FRIENDSHIP, STRENGTH, AND RECOVERY AFTER BOSTON’S WORST DAY

A moving testimonial to the transformative power of human compassion and connection amid catastrophe.

A survivor of the 2013 Boston Marathon bombing attacks reflects on the trio of fearless individuals who saved her life and rescued countless others.

Sdoia passionately recalls the events leading up to and immediately following the terrorist attack, a day that “went from being pure celebration to desperate survival.” She shares her history as a family girl drawn away to California for several years but always returning home to Massachusetts to friends and family, and she describes herself as having a “complicated relationship with running.” Yet standing on the sidelines of the Boston Marathon that day, the seasoned 5K runner became so energized and rejuvenated by the runners’ excitement and sheer determination, she promised herself to enter the race the following year.

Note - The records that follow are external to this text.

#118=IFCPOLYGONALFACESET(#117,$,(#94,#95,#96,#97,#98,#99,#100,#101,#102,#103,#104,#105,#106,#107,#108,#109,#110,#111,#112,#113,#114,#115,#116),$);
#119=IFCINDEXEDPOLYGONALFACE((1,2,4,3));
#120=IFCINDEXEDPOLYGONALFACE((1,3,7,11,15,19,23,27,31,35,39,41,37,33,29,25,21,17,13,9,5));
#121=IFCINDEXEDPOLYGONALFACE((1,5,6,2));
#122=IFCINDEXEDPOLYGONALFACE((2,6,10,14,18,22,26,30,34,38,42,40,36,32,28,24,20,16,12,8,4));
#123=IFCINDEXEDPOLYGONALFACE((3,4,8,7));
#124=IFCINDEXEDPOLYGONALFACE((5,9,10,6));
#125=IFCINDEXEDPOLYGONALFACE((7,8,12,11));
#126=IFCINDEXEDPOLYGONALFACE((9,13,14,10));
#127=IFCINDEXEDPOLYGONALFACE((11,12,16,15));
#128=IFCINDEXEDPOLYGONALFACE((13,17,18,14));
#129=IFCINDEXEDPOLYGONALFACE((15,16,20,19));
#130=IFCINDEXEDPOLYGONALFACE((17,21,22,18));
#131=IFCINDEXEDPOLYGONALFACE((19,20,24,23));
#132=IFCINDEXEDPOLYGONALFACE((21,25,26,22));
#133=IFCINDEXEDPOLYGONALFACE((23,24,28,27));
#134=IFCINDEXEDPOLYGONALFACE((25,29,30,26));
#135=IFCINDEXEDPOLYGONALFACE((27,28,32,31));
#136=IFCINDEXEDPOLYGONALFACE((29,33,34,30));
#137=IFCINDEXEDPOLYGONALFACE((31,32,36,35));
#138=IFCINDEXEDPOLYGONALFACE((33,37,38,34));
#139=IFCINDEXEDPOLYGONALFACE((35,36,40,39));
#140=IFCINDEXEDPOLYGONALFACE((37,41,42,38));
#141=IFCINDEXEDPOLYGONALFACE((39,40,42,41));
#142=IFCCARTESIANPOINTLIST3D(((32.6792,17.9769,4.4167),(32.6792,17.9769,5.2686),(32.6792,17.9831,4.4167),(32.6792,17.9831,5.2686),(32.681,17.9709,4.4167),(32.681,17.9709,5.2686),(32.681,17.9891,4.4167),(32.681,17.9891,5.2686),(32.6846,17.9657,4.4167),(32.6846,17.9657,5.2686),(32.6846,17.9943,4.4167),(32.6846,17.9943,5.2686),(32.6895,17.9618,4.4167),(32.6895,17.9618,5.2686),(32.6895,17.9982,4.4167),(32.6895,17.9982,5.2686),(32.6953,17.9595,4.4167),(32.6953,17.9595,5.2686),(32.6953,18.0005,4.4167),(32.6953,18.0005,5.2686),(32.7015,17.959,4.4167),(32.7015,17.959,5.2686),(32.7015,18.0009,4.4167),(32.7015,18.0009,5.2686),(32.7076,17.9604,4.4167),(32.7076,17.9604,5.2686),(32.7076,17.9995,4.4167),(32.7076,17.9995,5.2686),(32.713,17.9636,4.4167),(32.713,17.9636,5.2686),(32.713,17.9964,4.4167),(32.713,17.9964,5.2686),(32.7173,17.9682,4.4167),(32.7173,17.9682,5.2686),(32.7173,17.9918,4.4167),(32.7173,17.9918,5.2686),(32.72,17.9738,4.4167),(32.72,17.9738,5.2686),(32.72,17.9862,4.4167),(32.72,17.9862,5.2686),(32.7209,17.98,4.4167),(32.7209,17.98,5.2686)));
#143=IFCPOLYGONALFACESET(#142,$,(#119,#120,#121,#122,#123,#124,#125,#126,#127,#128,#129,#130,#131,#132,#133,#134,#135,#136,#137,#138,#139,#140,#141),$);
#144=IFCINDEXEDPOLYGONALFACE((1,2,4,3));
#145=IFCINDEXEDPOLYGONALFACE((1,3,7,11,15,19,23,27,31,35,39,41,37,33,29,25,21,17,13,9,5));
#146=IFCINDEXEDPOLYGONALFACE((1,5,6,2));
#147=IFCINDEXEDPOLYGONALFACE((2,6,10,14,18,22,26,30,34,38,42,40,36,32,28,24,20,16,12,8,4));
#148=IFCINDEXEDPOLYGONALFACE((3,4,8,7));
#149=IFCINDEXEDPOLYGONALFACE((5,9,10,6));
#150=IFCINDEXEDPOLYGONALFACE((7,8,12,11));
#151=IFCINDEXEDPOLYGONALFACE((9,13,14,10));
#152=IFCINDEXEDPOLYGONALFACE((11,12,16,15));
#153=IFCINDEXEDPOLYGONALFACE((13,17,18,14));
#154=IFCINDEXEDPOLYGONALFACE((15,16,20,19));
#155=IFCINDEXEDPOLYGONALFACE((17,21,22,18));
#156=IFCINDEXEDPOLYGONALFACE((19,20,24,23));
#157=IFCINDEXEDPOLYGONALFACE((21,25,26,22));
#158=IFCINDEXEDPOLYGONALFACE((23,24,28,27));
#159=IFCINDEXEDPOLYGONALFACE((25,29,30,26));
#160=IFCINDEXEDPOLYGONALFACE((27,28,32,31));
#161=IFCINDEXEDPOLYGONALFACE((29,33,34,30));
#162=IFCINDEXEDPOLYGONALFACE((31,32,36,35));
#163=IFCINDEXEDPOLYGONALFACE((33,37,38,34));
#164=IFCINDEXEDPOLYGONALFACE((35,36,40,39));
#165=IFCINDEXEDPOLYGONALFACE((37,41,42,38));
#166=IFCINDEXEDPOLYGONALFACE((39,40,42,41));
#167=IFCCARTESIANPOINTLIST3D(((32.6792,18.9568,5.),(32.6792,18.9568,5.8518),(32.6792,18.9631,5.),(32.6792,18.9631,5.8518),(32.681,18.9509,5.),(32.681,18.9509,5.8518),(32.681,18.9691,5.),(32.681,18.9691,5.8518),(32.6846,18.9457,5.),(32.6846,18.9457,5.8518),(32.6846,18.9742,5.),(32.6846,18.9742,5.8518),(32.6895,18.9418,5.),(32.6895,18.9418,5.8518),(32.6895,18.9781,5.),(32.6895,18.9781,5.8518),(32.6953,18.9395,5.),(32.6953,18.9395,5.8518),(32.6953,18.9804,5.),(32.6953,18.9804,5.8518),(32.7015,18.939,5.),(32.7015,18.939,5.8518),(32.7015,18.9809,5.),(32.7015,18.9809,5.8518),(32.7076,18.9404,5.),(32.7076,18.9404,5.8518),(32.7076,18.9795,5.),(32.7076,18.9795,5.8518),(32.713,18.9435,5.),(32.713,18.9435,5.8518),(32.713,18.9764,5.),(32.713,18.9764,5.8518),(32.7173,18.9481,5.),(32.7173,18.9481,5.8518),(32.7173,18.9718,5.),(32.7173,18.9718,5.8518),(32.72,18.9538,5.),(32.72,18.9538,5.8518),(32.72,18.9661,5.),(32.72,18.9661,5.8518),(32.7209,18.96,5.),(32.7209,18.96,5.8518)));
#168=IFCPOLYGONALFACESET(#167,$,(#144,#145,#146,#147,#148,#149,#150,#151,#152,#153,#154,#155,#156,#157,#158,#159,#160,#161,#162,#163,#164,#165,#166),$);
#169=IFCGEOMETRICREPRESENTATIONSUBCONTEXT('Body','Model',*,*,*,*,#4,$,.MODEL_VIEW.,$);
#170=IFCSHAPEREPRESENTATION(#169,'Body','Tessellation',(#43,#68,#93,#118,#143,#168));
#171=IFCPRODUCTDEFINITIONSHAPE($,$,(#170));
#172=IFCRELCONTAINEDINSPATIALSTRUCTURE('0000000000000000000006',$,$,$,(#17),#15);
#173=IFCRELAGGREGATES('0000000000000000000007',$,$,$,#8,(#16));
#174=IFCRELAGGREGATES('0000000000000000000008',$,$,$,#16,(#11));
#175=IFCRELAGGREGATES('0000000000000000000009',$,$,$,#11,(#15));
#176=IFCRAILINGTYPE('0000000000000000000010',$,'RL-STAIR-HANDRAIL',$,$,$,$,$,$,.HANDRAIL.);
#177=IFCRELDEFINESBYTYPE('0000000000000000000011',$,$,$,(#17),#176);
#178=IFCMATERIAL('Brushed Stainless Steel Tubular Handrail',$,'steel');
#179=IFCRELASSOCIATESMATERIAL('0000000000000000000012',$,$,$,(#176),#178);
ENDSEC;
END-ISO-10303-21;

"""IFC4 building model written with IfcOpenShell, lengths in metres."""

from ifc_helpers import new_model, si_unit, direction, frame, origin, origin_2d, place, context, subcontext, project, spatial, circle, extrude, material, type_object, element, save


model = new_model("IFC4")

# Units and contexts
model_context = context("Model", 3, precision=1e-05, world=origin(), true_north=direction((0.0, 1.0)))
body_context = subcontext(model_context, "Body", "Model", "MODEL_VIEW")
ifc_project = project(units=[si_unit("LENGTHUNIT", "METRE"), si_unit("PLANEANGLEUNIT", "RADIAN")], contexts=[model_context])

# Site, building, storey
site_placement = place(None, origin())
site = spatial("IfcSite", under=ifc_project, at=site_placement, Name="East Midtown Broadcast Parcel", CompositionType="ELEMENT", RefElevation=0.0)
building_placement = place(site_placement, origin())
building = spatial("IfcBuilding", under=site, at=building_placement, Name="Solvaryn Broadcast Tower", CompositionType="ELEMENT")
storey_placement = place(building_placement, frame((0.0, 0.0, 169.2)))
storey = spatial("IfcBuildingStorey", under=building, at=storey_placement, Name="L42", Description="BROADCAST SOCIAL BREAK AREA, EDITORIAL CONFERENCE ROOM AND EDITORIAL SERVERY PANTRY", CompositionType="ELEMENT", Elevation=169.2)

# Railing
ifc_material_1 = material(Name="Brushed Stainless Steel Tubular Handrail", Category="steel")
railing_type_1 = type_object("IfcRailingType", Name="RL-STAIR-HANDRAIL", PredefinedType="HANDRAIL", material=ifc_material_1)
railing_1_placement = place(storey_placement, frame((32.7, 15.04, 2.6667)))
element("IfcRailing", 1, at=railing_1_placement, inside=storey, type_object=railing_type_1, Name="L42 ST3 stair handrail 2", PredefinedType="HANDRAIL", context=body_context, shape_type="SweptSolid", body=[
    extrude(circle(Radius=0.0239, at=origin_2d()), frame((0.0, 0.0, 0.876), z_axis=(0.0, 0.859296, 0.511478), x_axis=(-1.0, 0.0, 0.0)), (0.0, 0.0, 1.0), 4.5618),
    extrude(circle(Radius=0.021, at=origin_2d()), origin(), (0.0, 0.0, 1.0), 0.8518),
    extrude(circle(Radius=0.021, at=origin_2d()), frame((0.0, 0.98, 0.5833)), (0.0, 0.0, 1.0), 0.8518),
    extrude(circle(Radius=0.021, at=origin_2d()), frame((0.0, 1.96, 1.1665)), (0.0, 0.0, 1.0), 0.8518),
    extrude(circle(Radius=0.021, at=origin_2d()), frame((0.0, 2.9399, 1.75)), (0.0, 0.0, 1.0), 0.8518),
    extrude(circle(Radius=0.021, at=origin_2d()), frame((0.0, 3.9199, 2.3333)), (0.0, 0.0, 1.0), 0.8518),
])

After her right foot was blown off by one of two pressure-cooker bombs planted near the finish line, she was immediately tended to by Northeastern University student Shores Salter, Boston police officer Shana Cottone, and a nearby physician, all who assisted in tying a makeshift tourniquet around her mutilated leg. She was raced to the hospital by firefighter Mike Materia, who stayed with her throughout the entire ordeal and beyond. With her leg medically amputated just above the knee, the author’s agonizing physical and psychological recovery began. She also established a significant connection with Materia, who stayed in constant contact as she was rehabilitated back to health, and they became swept into an enduring romantic relationship. Each of the three who participated in Sdoia’s valiant rescue is fondly profiled, showing his or her personality as an honest, hardworking, and unexpectedly heroic Bostonian. The author considers all three as “family,” and her book spins the events of that tragic afternoon into a tapestry of solidarity, unity, love, and selfless humanity. Aside from instances of repetitiveness, the book is heartfelt and honest. Though the bombers “took away that day,” she writes, “we’re taking it back.”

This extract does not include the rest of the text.